I can even use SS to watch .wtv recorded TV on my phone.

Lastly, the Droid series has always had it's own set of peculiar quirks with Subsonic. Seems to be related to an internal media thing they have. I can't remember the name but it was pretty well hashed out a while back when the droids were having trouble playing back music without stuttering and pausing.

If anyone wants to test video playback on their Android, just send me a PM and I'll give you a demo.

Re: Can the Android App Play Video?

PostPosted: Wed Apr 25, 2012 10:19 pm
by dik23
Ok, so you say it's my directory structure that's off ?

Since I'm not keen on rearranging my directories, they're used for another purpose, do you think I could use Linux symbolic links to create a faux structure that SS would be able to work with ?

Re: Can the Android App Play Video?

PostPosted: Thu Apr 26, 2012 1:37 am
by GJ51
it's a bit hard for me to say as I don't use Linux or symlinks. but I do know from what others have run into here in the forums that there are a few guidelines that help SS perform better. The first concept is that SS keeps a databse of the folder structure, but not the individual files, so that when you are in a library the folder structure loads relatively quickly, but the files stored in any folder don't load untill you open the folder. This means that performance is best when you have a lot of well organized folders each with a small number of files in each folder. Once you get to folders with more than 50 files in one folder it starts taking longer to load the folder.

The Android app (it may have changed in susequent versions) won't read files that are in a root folder listed in the Music folder.

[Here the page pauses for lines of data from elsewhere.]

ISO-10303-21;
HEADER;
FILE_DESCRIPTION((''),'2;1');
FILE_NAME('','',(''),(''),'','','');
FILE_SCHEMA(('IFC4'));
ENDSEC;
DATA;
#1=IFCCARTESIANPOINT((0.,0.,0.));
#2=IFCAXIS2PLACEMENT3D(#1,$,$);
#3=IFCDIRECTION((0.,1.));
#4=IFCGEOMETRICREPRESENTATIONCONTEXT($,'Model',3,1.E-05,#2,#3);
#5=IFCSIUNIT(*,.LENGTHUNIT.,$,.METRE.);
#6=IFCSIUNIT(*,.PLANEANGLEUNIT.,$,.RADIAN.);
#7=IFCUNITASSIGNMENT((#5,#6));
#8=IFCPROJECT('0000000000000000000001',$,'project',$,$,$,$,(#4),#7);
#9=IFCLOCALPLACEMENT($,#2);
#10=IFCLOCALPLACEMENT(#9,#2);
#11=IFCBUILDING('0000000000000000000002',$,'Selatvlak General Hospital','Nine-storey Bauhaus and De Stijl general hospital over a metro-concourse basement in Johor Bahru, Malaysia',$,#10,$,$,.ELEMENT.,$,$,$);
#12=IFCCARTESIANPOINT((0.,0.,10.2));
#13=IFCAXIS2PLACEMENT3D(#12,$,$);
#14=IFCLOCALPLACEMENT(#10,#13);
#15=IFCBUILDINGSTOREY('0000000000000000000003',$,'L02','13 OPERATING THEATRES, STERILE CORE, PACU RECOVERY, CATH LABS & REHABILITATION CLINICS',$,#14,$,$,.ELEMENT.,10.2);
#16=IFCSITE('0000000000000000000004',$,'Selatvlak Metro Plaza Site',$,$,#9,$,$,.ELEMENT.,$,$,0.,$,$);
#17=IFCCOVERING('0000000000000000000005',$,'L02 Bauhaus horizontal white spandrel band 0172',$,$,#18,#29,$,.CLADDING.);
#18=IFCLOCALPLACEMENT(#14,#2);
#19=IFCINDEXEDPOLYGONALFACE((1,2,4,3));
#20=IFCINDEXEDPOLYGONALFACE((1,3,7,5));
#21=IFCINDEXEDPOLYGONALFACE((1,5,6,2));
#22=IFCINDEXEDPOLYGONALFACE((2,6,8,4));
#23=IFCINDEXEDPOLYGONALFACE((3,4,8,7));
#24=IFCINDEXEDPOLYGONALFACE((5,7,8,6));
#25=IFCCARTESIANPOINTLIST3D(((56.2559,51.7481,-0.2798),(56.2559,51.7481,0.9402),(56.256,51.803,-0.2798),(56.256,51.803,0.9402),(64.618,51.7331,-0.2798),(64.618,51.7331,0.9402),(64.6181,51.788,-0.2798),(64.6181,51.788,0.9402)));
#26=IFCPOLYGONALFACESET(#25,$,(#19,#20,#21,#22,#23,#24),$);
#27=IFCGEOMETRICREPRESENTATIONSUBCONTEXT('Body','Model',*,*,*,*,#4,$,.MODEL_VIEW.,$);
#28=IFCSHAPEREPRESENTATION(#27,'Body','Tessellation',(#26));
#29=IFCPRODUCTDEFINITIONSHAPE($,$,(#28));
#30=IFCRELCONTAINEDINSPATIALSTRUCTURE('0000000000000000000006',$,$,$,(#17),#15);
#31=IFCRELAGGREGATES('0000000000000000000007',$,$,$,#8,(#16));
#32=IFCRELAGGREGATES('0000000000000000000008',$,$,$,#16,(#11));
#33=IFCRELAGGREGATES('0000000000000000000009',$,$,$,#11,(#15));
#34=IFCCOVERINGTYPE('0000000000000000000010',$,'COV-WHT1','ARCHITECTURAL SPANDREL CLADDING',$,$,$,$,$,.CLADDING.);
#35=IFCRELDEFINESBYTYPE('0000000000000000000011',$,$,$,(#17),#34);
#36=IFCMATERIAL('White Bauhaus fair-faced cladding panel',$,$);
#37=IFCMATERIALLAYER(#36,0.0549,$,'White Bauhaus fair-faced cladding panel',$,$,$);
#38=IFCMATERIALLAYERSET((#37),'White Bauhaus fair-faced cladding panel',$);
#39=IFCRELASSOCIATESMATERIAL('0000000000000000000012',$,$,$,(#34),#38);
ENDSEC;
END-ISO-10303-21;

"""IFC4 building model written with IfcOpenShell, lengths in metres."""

from ifc_helpers import new_model, si_unit, direction, frame, origin, origin_2d, place, context, subcontext, project, spatial, rectangle, extrude, material, layer, layer_set, type_object, element, save


model = new_model("IFC4")

# Units and contexts
model_context = context("Model", 3, precision=1e-05, world=origin(), true_north=direction((0.0, 1.0)))
body_context = subcontext(model_context, "Body", "Model", "MODEL_VIEW")
ifc_project = project(units=[si_unit("LENGTHUNIT", "METRE"), si_unit("PLANEANGLEUNIT", "RADIAN")], contexts=[model_context])

# Site, building, storey
site_placement = place(None, origin())
site = spatial("IfcSite", under=ifc_project, at=site_placement, Name="Selatvlak Metro Plaza Site", CompositionType="ELEMENT", RefElevation=0.0)
building_placement = place(site_placement, origin())
building = spatial("IfcBuilding", under=site, at=building_placement, Name="Selatvlak General Hospital", Description="Nine-storey Bauhaus and De Stijl general hospital over a metro-concourse basement in Johor Bahru, Malaysia", CompositionType="ELEMENT")
storey_placement = place(building_placement, frame((0.0, 0.0, 10.2)))
storey = spatial("IfcBuildingStorey", under=building, at=storey_placement, Name="L02", Description="13 OPERATING THEATRES, STERILE CORE, PACU RECOVERY, CATH LABS & REHABILITATION CLINICS", CompositionType="ELEMENT", Elevation=10.2)

# Covering
ifc_material_1 = material(Name="White Bauhaus fair-faced cladding panel")
ifc_layer_1 = layer(ifc_material_1, 0.0549, Name="White Bauhaus fair-faced cladding panel")
ifc_layer_set_1 = layer_set([ifc_layer_1], Name="White Bauhaus fair-faced cladding panel")
covering_type_1 = type_object("IfcCoveringType", Name="COV-WHT1", Description="ARCHITECTURAL SPANDREL CLADDING", PredefinedType="CLADDING", material=ifc_layer_set_1)
covering_1_placement = place(storey_placement, frame((60.437, 51.7681, -0.2798), z_axis=(0.0, 0.0, 1.0), x_axis=(-0.999998, 0.001798, 0.0)))
element("IfcCovering", 1, at=covering_1_placement, inside=storey, type_object=covering_type_1, Name="L02 Bauhaus horizontal white spandrel band 0172", PredefinedType="CLADDING", context=body_context, shape_type="SweptSolid", body=[
    extrude(rectangle(XDim=8.3621, YDim=0.0549, at=origin_2d()), origin(), (0.0, 0.0, 1.0), 1.22),
])

save(model, "model.ifc")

The best stragtegy for SS is to List a media folder such as X:\Music and then fill it with folders in the Artist/Album/Tracks format. For my videos I have a X:\Videos root folder listed under media folders and then populate the root with logically arranged video subfolders by subject. Organization is a bit trickier with video than music as categorization is largely a function of your own needs, but the same cincepts apply if your trying to get acceptable performance - more folders with fewer files in each as opposed to a few folders with hundres of files in them.

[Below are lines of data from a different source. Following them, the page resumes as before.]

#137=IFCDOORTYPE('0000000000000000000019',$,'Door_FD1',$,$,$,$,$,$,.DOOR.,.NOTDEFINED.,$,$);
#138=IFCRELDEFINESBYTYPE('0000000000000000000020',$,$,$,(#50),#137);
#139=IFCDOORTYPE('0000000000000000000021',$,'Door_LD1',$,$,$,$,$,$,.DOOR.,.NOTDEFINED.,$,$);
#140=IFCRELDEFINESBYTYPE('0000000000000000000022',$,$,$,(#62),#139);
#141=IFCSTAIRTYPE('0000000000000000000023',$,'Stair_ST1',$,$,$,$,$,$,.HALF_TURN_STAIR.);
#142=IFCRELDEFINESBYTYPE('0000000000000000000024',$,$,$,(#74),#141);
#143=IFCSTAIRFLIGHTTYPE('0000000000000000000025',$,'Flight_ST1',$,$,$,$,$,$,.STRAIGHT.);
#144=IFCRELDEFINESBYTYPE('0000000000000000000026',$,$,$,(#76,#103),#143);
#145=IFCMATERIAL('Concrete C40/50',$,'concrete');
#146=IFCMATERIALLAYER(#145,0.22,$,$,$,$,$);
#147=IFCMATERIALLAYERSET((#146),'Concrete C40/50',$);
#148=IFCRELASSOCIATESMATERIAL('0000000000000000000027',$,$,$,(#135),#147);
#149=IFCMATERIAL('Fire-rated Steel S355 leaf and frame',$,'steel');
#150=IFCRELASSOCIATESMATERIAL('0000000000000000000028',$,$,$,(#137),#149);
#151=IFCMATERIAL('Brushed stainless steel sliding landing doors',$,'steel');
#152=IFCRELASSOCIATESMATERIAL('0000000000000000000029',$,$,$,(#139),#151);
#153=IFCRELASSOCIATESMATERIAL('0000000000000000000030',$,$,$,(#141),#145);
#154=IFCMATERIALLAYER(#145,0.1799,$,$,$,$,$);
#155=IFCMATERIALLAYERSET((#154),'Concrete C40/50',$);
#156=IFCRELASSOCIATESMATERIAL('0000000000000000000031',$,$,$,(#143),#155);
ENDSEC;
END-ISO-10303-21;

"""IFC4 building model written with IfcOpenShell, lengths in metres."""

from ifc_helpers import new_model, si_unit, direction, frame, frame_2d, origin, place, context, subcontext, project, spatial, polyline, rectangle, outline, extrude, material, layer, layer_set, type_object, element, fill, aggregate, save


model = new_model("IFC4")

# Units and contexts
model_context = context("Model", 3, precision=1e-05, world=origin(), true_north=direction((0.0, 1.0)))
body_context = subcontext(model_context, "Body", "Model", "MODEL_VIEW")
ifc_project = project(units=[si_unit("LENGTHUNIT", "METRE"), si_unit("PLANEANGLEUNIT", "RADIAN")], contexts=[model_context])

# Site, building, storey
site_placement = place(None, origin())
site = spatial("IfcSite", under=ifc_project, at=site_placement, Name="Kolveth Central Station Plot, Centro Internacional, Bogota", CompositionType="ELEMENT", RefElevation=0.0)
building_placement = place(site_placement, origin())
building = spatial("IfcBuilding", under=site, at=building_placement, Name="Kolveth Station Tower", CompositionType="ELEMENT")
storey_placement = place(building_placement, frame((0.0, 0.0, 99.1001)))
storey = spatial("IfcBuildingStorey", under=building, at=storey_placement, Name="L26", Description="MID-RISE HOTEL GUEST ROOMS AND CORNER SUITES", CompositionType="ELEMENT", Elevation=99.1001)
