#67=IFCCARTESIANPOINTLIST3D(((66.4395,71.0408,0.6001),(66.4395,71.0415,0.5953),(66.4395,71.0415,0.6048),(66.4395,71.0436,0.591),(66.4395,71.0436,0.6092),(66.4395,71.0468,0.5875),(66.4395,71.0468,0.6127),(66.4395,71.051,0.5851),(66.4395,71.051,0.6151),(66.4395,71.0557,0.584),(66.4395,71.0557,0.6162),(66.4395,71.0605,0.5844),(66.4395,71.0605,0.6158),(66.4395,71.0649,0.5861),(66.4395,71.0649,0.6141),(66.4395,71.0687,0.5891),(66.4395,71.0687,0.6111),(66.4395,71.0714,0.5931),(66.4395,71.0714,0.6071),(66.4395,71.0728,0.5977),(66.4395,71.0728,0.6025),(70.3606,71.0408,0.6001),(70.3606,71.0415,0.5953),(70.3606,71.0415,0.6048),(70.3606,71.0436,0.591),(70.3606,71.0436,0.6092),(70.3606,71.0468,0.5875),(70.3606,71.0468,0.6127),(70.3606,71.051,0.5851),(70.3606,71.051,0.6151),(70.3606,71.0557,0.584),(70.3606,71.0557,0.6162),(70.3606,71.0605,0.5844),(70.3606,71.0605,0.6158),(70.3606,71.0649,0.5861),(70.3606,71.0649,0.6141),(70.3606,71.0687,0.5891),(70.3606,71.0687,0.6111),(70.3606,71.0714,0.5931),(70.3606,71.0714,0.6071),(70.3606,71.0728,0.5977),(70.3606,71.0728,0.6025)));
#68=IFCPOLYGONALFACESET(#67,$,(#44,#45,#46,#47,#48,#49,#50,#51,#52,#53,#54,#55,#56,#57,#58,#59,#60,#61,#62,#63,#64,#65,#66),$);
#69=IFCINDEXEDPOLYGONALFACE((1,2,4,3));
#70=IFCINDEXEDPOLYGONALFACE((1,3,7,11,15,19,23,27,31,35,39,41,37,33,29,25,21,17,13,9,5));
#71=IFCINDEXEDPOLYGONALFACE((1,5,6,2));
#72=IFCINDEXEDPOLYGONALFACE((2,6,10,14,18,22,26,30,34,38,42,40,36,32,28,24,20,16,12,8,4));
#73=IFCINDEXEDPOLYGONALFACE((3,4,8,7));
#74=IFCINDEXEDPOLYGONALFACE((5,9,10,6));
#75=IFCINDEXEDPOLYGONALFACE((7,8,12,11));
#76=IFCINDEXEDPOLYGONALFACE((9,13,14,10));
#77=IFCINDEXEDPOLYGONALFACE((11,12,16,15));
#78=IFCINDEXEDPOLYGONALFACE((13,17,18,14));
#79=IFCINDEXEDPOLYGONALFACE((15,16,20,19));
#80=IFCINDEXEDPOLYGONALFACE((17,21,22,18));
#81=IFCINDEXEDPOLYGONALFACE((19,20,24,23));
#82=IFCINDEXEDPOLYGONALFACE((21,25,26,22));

If you don't want to disturb your current library, I'd suggest you might consider just making a simpler Subsonic section and just putting a few things there at a time to see if it improves performance so you can get an idea of where you want to go from there.

There is a bit of time and effort that goes into getting video on SS right, but it does work. As I've mentioned before I have users from more than a thousand miles away that are watching 1080i recorded TV from my SS site. You do need a good upload speed and the user at the other end needs fair download speed and the server has to have enough power to do the transcoding, but even with less power video can be formatted at lower resolution and be tailored to get good results that work on most reasonably powered platforms.

In the beginning we used to joke that you're not going to watch a blue ray from an atom powered server on your 3g cell phone. At the other end, ny dual quad core Xeon server with 16GB ram can handle multiple blue ray streams simultaneously at the same time. Everywhere in between you need to find what the limits are for the hardware involved.